Even with the `matches` operator, though, it can be difficult to parse what's going on here.

So here's a readability suggestion from the R4DS book: specify the arugments in a different order: first the table, then the columns to gather, and finally what you'd like to call the resulting two columns.

In [23]:
gather(state_pop_by_year, matches('^197?'), key = "year", value = "population")

name,year,population
Alabama,1977,3615000.0
Alaska,1977,365000.0
Arizona,1977,
Alabama,1978,3795750.0
Alaska,1978,383250.0
Arizona,1978,
Alabama,1979,3985537.5
Alaska,1979,402412.5
Arizona,1979,


You have a much better chance of remembering what that does when you read it a month or year from now.

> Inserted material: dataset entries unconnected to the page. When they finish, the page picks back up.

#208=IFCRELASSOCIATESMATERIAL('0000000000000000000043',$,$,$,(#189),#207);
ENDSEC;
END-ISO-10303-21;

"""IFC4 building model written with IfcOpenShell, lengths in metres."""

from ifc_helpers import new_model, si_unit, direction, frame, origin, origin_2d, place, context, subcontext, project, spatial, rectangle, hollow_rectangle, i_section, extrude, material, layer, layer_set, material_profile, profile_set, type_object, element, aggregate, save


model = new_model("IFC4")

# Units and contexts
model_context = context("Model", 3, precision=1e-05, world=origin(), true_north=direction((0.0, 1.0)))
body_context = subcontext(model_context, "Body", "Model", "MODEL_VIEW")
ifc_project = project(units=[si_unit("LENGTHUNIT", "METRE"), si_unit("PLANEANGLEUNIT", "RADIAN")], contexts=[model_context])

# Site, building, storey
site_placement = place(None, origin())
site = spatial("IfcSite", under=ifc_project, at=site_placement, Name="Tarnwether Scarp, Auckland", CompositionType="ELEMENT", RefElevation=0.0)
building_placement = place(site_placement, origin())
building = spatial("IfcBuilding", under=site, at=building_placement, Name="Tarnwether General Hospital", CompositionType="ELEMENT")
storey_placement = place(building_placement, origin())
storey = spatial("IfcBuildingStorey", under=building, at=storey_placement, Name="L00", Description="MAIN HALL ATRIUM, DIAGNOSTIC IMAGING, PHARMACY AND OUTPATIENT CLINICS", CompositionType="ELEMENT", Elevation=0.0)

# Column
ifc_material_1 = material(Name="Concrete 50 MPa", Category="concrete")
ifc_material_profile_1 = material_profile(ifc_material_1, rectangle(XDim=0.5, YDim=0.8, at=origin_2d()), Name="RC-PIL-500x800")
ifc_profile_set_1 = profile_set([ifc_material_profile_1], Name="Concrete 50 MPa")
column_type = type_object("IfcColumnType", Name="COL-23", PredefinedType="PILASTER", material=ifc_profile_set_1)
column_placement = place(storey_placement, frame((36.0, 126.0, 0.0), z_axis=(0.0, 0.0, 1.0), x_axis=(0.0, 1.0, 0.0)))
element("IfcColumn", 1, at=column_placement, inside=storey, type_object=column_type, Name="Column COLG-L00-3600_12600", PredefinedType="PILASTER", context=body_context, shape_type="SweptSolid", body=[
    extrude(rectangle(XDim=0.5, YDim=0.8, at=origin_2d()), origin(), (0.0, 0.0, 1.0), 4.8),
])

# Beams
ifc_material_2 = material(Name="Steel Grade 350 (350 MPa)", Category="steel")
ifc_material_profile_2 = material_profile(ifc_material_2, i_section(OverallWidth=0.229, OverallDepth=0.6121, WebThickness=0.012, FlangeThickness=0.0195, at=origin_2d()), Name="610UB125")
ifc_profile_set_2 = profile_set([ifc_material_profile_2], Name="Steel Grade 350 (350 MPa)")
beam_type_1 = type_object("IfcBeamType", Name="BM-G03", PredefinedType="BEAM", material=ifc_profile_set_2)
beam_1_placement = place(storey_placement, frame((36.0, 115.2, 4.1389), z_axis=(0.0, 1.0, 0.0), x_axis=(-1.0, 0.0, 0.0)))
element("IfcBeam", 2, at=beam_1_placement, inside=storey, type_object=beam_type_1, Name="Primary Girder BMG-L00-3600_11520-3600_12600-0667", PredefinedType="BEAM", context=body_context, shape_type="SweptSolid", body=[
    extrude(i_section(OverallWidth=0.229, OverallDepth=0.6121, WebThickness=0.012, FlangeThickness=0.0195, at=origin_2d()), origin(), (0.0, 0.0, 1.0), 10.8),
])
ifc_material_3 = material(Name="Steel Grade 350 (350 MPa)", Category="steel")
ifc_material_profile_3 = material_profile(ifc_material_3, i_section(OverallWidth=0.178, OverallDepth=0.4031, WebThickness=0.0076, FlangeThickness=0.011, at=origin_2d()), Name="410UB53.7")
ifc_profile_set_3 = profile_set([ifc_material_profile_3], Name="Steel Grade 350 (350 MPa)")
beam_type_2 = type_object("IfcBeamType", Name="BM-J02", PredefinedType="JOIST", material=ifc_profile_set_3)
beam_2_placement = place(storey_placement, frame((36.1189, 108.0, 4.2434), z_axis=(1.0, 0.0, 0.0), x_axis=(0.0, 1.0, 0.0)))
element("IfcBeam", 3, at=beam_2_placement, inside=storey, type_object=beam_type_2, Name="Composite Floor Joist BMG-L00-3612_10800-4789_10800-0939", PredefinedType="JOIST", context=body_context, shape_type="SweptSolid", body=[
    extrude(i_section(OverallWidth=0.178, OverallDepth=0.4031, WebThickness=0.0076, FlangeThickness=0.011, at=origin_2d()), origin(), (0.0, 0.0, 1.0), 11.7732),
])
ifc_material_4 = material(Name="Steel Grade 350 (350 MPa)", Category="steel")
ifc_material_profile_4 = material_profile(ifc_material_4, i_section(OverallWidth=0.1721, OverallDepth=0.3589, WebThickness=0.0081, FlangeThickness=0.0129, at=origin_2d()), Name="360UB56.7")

Spread and gather are *almost* inverses of each other, the only side effect is that you'll end up with missing values for combinations that didn't exist in the original table.

In [24]:
states
gather(spread(states, dimension, stat), Area, Population, key = "dim", value = "statistic")

name,dimension,stat
Alabama,Area,50708
Alaska,Area,566432
Arizona,Area,113417
Alabama,Population,3615000
Alaska,Population,365000


name,dim,statistic
Alabama,Area,50708.0
Alaska,Area,566432.0
Arizona,Area,113417.0
Alabama,Population,3615000.0
Alaska,Population,365000.0
Arizona,Population,


Finally, you'll notice that these functions complain if you have one key with multiple values (e.g., if the population of Arizona were listed twice in `states`).

This is by design, but there are other packages, such as `reshape` and `reshape2`, that can handle these and apply functions to these multiple values.

They're generally more powerful, but also more confusing, functions, and we'll avoid them whenever possible.